Table 5. Structural features extracted from LiDAR point cloud

3.2.3 Hyperspectral dimensionality reduction – MNF transform

Compared to the five bands of the Micasense Red-Edge multispectral camera (Blue – 475 nm, Green – 560 nm, Red – 668 nm, Red-edge – 717 nm, NIR – 842 nm), the Headwall Nano-hyperspec camera records 269 raw VNIR spectral bands at 4 nm increments. In order to reduce dimensionality by minimizing noise and, consequently, scaling down the number of bands, MNF (Minimum Noise Fraction) transform was performed on the raw hyperspectral reflectance bands. MNF is a popular technique for denoising hyperspectral imagery (Clark and Kilham Citation2016; Onojeghuo and Onojeghuo Citation2017) and has demonstrated success over other dimensionality reduction techniques such as principal component analysis (PCA) (Luo et al. Citation2016; Priyadarshini et al. Citation2019). The MNF uses a linear transformation technique that performs two cascaded PCAs in order to maximize the signal-to-noise ratio. The first PCA decorrelates and rescales noise in the data, followed by a second PCA on the transformed noised-whitened data with no band to band correlations. The output of the MNF is a series of modified bands ordered by eigenvalues, where higher eigenvalues contain more information and lower values indicate more noise. The original 269 reflectance bands were reduced to 49 MNF bands, which account for 70% of the relevant information contained in the hyperspectral imagery for tree species classification. Both MNF and PCA results were tested and MNF performed better than using PCA alone for dimensionality reduction in terms of tree classification accuracy.

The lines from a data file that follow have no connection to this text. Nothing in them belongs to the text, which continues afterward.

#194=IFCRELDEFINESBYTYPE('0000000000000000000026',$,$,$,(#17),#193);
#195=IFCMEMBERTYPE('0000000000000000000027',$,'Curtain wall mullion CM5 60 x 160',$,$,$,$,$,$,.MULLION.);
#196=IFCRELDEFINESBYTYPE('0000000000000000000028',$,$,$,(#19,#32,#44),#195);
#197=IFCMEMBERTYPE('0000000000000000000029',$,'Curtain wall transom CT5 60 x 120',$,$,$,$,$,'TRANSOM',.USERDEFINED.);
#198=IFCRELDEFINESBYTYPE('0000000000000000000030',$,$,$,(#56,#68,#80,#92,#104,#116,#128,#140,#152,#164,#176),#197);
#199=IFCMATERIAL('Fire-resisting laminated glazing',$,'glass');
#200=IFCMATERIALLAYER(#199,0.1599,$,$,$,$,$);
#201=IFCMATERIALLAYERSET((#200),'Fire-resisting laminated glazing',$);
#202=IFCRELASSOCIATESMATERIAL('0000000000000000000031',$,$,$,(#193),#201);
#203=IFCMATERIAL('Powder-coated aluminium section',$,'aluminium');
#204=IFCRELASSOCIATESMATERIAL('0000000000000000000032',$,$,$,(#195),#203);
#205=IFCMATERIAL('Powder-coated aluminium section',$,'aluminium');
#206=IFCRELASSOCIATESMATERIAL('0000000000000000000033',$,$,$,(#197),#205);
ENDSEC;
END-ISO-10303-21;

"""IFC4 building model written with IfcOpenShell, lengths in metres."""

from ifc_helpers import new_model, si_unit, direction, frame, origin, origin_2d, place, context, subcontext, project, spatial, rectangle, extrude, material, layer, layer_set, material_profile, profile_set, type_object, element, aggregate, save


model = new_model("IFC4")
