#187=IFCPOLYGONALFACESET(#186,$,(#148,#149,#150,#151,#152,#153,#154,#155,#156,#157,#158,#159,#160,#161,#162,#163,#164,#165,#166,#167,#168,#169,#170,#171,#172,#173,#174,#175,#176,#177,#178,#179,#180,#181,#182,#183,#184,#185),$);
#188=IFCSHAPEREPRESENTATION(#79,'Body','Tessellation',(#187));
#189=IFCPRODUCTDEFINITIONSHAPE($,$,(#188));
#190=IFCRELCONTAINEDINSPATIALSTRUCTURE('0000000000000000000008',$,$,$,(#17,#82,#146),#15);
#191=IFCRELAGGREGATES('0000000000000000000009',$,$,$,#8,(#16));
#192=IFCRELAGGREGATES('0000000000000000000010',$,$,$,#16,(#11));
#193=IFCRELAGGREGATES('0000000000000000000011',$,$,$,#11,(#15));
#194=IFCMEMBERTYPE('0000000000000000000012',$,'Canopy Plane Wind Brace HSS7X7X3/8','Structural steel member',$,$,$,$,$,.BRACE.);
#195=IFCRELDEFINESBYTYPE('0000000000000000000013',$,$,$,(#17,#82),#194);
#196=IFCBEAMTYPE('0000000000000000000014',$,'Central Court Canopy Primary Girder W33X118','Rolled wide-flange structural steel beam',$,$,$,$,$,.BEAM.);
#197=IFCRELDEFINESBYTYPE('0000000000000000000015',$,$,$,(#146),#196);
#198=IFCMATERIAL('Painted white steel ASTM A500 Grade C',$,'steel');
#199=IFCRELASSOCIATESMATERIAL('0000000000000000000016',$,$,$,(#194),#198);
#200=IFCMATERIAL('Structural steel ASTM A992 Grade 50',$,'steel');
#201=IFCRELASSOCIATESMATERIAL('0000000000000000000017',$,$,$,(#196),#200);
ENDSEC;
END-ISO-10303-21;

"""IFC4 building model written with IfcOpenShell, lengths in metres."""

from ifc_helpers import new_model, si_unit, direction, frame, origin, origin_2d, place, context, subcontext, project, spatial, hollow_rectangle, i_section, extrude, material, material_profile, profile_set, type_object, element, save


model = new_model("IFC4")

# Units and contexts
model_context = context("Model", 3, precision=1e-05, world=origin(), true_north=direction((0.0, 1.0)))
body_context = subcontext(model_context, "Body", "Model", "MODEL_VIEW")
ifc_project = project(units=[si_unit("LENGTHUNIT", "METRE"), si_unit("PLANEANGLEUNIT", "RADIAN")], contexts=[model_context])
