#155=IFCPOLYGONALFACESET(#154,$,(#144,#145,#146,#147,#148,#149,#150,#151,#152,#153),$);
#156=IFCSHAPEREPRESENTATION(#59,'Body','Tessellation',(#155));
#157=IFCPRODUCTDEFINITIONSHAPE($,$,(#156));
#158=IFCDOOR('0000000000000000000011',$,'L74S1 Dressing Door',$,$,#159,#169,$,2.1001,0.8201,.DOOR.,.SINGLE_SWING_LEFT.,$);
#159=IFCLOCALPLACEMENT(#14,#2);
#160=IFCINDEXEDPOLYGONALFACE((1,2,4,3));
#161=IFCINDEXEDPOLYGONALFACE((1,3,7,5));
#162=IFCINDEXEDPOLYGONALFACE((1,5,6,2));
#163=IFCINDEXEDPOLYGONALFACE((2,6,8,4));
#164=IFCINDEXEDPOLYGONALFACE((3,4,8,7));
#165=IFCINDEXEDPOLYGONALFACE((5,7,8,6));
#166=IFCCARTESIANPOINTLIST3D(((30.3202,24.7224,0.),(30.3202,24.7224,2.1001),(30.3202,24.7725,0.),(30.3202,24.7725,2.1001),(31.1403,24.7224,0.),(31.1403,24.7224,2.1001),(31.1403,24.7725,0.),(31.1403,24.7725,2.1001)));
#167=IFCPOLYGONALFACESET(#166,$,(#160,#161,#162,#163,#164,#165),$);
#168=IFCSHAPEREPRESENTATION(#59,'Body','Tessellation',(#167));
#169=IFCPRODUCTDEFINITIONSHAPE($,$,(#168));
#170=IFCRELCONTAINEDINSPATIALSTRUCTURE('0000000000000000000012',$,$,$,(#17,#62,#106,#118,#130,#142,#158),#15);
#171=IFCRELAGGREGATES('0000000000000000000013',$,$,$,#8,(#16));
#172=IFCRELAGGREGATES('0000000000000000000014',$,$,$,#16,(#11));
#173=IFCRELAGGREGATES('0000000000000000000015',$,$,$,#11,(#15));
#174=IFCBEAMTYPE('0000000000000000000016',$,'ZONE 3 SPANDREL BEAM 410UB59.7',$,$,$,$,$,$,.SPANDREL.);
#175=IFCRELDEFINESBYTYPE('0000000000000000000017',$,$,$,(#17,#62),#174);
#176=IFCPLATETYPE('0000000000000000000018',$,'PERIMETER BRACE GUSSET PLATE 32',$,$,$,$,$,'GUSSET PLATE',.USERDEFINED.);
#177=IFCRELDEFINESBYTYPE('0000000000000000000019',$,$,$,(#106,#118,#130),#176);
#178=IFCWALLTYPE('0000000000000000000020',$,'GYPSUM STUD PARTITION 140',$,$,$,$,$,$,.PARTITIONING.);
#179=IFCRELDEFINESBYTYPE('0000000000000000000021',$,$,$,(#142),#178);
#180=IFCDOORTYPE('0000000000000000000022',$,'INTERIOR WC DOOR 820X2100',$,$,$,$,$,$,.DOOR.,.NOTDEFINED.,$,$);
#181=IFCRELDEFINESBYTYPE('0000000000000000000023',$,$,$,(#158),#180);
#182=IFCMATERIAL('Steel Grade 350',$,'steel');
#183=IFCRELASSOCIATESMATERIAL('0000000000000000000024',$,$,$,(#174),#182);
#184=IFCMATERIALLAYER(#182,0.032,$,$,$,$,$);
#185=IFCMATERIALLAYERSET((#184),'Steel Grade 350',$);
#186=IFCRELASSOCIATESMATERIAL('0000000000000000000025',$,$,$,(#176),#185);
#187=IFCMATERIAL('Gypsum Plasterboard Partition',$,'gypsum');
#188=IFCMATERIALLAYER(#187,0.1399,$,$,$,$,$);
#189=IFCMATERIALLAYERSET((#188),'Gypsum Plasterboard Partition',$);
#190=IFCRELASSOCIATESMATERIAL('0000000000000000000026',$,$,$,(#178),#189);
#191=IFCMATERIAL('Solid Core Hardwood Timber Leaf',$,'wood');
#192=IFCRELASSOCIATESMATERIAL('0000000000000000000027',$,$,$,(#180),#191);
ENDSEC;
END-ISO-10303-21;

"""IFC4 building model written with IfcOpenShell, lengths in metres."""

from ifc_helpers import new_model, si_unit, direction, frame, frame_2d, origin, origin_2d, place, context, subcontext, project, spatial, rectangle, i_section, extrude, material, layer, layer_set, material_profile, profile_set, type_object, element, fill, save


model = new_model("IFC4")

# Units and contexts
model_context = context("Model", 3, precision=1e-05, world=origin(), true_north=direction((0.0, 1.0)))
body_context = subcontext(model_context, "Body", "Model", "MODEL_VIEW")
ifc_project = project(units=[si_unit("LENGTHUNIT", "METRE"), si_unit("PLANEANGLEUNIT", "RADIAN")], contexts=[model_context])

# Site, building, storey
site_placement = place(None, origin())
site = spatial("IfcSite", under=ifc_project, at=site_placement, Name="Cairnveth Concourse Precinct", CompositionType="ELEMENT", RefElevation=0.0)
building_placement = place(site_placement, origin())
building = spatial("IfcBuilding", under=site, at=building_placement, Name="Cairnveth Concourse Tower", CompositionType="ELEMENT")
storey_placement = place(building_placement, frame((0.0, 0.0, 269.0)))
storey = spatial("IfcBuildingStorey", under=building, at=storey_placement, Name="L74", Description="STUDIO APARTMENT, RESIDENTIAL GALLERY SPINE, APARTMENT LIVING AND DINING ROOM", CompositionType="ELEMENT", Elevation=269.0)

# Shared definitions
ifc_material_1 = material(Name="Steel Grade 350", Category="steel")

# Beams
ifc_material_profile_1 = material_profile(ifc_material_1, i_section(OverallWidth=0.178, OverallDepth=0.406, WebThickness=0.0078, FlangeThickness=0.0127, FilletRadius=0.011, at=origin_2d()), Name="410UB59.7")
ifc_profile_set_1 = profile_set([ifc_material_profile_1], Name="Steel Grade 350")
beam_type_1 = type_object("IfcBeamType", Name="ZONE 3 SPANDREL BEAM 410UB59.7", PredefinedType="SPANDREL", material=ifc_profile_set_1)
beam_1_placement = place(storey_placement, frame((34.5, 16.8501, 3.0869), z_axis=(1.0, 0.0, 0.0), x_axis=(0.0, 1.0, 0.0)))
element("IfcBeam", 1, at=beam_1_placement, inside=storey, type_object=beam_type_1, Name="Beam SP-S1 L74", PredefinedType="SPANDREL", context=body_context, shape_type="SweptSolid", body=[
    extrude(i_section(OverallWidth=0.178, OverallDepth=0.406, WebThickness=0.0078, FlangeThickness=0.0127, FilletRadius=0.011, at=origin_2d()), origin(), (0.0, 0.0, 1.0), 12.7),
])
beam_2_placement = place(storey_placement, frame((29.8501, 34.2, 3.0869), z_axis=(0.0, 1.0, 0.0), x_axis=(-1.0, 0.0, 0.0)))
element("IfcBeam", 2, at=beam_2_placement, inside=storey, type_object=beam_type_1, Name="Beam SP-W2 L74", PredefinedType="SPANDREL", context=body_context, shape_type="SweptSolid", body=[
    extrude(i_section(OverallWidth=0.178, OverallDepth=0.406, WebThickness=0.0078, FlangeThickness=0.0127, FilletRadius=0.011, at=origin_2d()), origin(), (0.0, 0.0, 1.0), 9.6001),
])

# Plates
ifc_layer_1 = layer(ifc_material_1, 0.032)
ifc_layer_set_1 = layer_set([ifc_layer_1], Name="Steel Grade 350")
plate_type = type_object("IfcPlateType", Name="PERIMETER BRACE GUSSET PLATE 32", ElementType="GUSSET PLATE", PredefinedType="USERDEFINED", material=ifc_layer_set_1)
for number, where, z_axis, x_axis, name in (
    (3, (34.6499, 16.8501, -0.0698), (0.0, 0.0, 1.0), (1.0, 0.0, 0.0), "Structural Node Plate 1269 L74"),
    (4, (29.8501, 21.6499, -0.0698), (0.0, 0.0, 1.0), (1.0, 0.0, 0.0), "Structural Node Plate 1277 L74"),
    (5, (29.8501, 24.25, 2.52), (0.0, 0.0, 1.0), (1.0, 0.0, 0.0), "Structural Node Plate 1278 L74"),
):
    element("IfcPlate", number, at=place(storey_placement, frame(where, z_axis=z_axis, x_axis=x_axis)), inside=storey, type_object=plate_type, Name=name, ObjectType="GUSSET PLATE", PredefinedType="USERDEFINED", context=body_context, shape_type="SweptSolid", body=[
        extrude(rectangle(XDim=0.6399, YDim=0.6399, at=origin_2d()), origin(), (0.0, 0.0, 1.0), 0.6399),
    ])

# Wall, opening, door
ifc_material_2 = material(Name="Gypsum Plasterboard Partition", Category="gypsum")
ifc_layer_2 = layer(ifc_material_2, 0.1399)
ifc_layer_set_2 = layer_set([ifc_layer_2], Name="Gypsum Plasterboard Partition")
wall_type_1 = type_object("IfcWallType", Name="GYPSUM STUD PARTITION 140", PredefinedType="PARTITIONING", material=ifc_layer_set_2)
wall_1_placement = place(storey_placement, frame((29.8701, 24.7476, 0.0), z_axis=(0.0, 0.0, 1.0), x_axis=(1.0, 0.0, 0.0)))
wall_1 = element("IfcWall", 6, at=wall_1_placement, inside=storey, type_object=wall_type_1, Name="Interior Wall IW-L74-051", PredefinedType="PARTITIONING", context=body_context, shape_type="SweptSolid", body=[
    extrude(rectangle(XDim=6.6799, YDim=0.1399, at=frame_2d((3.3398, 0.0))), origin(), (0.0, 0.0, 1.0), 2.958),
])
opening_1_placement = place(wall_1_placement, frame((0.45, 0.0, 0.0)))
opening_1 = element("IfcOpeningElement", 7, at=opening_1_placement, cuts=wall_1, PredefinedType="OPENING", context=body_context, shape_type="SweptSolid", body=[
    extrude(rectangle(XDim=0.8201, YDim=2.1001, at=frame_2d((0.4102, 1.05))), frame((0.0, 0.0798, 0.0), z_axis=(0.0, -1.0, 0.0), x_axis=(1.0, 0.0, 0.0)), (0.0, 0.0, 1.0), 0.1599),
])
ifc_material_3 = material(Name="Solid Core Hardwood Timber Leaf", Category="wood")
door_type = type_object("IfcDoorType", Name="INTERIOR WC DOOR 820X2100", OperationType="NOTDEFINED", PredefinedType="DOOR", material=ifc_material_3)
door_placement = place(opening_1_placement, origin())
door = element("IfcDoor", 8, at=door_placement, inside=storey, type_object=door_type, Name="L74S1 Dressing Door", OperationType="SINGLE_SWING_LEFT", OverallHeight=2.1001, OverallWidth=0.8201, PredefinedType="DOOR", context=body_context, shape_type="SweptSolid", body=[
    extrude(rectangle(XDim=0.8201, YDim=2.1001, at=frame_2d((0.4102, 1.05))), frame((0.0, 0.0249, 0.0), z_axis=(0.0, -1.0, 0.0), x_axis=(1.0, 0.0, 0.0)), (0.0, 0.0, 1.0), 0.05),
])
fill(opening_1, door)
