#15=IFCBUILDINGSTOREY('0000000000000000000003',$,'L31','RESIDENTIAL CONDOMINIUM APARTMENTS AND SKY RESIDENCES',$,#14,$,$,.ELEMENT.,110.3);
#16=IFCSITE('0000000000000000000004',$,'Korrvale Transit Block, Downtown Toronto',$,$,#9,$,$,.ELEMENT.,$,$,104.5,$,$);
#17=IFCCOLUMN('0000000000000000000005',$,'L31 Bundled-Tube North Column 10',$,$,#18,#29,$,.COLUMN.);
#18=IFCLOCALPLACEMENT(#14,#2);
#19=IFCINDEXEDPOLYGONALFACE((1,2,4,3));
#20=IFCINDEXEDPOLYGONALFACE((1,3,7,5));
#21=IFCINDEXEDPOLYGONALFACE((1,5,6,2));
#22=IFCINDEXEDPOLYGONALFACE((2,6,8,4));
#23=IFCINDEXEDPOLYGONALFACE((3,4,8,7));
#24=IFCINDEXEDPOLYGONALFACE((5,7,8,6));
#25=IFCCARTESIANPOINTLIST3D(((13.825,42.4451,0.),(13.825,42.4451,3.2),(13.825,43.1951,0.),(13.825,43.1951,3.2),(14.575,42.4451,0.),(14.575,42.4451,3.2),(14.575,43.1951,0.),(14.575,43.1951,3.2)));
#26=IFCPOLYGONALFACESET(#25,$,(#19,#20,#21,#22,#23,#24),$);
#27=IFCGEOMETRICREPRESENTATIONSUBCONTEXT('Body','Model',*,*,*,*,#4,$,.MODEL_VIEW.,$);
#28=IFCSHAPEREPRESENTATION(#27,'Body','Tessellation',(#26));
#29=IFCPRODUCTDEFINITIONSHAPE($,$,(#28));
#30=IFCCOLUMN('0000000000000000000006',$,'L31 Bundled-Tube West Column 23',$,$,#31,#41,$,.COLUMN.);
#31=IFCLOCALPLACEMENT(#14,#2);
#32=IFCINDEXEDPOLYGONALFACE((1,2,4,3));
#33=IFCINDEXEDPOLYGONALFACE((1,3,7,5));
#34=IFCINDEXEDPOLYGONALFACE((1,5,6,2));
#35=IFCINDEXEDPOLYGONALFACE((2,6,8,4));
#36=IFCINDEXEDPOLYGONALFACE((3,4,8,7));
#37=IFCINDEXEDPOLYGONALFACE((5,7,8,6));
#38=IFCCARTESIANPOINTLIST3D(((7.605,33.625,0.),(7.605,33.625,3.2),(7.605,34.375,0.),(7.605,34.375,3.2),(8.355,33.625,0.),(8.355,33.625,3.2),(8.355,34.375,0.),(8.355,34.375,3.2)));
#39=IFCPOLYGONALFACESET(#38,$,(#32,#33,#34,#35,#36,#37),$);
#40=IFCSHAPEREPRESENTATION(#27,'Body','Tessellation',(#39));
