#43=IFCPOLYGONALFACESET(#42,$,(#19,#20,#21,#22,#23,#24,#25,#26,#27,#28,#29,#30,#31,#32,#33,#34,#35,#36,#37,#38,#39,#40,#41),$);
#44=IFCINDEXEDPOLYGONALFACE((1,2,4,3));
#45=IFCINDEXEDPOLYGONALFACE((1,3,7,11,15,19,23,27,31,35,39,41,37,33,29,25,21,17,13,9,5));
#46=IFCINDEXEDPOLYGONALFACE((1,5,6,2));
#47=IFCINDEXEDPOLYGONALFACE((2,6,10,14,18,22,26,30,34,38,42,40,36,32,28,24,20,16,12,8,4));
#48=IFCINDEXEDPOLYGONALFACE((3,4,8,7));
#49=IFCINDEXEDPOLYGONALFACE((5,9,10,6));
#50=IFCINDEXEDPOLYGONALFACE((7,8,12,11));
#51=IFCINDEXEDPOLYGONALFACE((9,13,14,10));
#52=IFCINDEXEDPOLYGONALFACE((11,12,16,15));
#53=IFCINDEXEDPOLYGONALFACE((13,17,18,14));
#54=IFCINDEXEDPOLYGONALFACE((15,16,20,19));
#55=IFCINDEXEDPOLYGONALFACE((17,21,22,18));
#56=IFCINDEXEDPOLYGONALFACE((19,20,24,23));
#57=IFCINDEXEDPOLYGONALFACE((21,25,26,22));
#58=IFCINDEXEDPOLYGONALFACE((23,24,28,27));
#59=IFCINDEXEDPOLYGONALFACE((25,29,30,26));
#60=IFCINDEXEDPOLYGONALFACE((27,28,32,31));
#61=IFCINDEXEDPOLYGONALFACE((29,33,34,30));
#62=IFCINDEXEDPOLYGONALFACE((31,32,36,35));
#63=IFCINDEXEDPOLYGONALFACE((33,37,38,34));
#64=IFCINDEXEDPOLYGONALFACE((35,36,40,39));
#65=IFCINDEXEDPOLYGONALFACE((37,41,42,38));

3.3 Classification and validation

RF and SVM were chosen as the classifiers for this study due to their ability to handle high-dimensional datasets and demonstrated success for tree species classification (Immitzer, Atzberger, and Koukal Citation2012a; Li et al. Citation2015; Liu et al. Citation2017). . It is worth notating that, to examine and compare the potential of multispectral and hyperspectral datasets, the classification performance of each dataset, as well as combination of each dataset with features derived from other sensors (i.e. LiDAR and thermal) was evaluated, respectively. The dataset combination approaches for tree species classification is outlined in .

Table 6. Combination methods of different features/datasets and corresponding feature numbers of each method

3.3.1 Random Forest

The RF classification approach utilizes a non-parametric ensemble method that generates several decision trees over various random sub-samples of the dataset and assigns a class to a sample based upon a majority vote from the collective decision tree outputs for that sample (Breiman Citation2001). Decision trees are built from a random sample of the data and utilizes bootstrap aggregation to randomly select input variables at each split in the decision tree growth. This randomness in selection of training sample and feature selection allows for decision trees that are relatively uncorrelated and the use of average voting increases predictive accuracy while decreases over-fitting. The RF classifier was implemented using the scikit-learn machine learning library in Python. A grid-search and k-fold cross-validation approach were employed to determine the optimal parameters during the model training phase (Maimaitijiang et al. Citation2020b). For RF classifier, the number of trees parameter which decides how many trees the RF considers at each split was set between 1 and 500 with a 50 increment, and the max_features parameter was automatically selected from “auto,” “sqrt’,” “log2” methods.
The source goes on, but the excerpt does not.